As the September 15 deadline for the third quarterly estimated tax payment approaches, both business owners and individual taxpayers need to be prepared. Estimated tax payments are crucial for avoiding underpayment penalties and staying on top of your tax obligations. Whether you’re running a business or managing your personal finances, understanding how to calculate and make these payments can save you a lot of stress down the road. Here’s a guide to help you prepare for this important deadline.
Who Needs to Pay Estimated Taxes?
Estimated taxes apply to anyone whose income isn’t subject to withholding, including small business owners, freelancers, independent contractors, and even retirees who receive investment income. For individuals, this often includes income from self-employment, dividends, rental properties, and more. Business owners need to be particularly mindful of estimated taxes if they’re operating as a sole proprietorship, partnership, S-corporation, or LLC.
How to Calculate Your Estimated Payments
The IRS expects you to pay at least 90% of your total tax liability for the year through a combination of withholding and estimated tax payments. If you’re unsure about your projected income, it’s better to err on the side of overestimating rather than underestimating to avoid penalties. The safest approach (Coined "Safe Harbor" by the IRS) is to pay at least 100% of last year’s tax liability (110% if your adjusted gross income was over $150,000) to steer clear of penalties.

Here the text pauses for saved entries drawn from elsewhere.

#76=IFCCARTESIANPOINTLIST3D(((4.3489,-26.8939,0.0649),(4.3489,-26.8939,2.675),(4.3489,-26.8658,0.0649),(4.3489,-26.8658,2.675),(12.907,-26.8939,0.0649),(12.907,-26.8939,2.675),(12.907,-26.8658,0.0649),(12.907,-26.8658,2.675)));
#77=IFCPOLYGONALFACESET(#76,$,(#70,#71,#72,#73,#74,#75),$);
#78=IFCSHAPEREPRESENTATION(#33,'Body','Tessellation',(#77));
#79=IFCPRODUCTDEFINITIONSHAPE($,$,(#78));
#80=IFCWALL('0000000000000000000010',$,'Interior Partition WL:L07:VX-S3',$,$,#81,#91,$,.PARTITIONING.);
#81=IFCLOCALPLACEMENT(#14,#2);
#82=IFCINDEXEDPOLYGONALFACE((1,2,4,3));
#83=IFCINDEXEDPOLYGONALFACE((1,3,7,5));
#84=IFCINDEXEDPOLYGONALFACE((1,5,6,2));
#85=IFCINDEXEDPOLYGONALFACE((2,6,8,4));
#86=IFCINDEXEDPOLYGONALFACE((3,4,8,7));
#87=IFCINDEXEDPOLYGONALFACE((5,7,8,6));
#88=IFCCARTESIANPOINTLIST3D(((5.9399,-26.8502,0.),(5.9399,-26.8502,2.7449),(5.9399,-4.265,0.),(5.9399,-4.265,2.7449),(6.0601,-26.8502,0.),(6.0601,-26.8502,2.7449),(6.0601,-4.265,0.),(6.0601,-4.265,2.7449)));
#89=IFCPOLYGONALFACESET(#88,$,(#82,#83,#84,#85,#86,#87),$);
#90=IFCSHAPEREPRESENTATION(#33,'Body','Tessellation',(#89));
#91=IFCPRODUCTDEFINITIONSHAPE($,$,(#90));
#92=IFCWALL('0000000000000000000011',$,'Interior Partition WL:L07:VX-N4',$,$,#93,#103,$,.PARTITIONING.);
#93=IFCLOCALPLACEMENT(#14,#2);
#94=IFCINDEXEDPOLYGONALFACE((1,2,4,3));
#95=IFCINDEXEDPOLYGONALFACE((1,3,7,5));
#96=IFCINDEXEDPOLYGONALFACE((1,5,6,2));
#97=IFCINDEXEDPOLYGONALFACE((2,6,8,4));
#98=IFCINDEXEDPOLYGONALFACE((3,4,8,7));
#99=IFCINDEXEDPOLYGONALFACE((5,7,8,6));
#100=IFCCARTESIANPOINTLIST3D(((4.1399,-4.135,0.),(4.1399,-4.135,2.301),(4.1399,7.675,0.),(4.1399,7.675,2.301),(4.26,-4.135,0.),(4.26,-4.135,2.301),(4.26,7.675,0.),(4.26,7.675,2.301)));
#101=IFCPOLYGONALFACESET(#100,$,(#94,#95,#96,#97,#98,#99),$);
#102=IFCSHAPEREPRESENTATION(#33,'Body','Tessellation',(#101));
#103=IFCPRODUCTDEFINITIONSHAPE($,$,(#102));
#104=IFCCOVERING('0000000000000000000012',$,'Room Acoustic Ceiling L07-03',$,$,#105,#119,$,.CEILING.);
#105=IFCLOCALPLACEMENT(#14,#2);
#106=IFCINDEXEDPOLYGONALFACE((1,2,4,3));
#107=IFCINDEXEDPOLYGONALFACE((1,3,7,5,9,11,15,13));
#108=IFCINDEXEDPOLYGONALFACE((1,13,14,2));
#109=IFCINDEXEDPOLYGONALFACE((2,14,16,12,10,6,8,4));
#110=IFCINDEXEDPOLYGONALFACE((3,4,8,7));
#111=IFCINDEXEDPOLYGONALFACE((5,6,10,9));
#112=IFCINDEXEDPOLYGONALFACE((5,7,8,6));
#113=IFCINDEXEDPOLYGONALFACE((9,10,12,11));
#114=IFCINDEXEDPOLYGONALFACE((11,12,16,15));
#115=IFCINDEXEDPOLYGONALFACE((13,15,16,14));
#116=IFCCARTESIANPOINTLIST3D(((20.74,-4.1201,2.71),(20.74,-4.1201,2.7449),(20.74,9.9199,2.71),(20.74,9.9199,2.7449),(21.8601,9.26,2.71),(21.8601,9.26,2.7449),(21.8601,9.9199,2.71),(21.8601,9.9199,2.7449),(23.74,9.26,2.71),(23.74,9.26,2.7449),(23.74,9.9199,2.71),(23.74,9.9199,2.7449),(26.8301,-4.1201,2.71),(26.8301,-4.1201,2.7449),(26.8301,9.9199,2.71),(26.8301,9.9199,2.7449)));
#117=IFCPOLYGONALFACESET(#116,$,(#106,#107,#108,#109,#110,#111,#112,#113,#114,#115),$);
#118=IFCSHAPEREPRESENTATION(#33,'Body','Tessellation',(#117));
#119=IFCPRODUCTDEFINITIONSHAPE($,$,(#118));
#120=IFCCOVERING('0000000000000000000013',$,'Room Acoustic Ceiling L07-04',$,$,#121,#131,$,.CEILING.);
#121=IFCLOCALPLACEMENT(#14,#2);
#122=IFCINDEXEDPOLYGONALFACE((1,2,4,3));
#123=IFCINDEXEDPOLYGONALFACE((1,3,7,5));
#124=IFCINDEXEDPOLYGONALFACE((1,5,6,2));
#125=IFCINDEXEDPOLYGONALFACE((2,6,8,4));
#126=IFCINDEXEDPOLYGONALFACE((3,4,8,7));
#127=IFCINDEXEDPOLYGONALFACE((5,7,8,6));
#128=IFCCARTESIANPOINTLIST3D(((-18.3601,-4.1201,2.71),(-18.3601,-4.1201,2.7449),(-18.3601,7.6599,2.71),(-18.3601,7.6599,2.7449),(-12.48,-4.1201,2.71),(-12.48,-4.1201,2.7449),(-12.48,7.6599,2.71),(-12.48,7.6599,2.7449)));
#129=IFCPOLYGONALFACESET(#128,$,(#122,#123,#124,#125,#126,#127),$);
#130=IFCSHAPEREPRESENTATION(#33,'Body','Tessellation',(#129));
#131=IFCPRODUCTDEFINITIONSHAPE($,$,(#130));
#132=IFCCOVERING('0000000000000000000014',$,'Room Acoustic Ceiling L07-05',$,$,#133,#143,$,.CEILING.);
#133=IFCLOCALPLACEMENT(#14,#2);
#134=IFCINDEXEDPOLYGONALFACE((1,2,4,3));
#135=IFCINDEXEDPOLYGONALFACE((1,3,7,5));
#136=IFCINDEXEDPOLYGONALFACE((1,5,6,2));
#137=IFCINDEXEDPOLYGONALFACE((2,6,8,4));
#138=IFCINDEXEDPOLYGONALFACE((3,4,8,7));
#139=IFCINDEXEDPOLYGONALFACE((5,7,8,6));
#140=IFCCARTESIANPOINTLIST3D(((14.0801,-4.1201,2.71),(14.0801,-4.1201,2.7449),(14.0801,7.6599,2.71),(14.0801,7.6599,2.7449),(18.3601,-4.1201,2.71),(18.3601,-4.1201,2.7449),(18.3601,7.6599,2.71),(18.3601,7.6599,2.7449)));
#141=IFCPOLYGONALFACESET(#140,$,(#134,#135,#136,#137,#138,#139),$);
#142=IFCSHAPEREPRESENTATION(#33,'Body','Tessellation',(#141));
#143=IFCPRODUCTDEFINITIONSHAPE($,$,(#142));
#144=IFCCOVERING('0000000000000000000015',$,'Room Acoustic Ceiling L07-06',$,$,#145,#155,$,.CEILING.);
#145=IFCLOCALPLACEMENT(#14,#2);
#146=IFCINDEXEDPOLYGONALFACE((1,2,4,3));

The IRS expects your tax payments (whether through estimated payments or withholding) to be made evenly throughout the year. Falling behind and trying to catch up later could result in penalties, even if you ultimately pay the right amount.
Strategies for Accurately Estimating Your Taxes
Use Last Year’s Tax Return as a Guide: Start by reviewing your previous tax return to estimate this year’s income and deductions. Adjust based on any significant changes, such as new income streams, business growth, or changes in tax laws.
Factor in Any Major Life Changes: Significant events like getting married, buying a home, or expanding your business can affect your tax situation. Make sure to account for these changes when calculating your payment.
Keep an Eye on Your Cash Flow: For business owners, closely monitoring cash flow throughout the year can help you make more accurate estimated payments. You may need to adjust your estimates if your business has experienced a surge or dip in revenue.
Consult a Tax Professional: If your situation is more complex or you’re unsure of your calculations, consulting a CPA is a wise investment. A tax professional can provide more precise estimates and offer strategies to minimize your overall tax liability.
Common Mistakes to Avoid
- Waiting Until the Last Minute: It’s easy to put off making quarterly payments, but doing so increases the risk of forgetting or scrambling at the last minute. Set reminders well in advance of the due dates.
- Underestimating Income: If you underestimate your income and end up owing a significant amount at year’s end, you could face penalties. Regularly review your income and adjust your estimates as needed.
- Not Considering Tax Law Changes: Tax laws change frequently, and what was deductible or taxable last year may not be the same this year. Stay informed or seek advice to ensure compliance.
How to Make Your Payment
You can make estimated tax payments online via the IRS’s Direct Pay tool (www.IRS.gov/payments or www.1040paytax.com), through the Electronic Federal Tax Payment System (EFTPS), or by mailing a check with the appropriate voucher from Form 1040-ES.
Many states also require estimated tax payments, so be sure to check your state’s guidelines and deadlines.
Planning for Future Payments
The September 15 payment is the third of four quarterly payments for the year. To avoid scrambling each quarter, it’s helpful to plan ahead. Review your financials regularly, set aside funds for each payment, and adjust your estimates if your income fluctuates.
Meeting the September 15 estimated tax payment deadline doesn’t have to be stressful if you’re well-prepared. By accurately estimating your tax liability, staying organized, and adjusting for any changes throughout the year, you can avoid penalties and keep your finances on track. Whether you’re managing personal finances or running a business, staying ahead of these payments is key to smooth tax planning and peace of mind.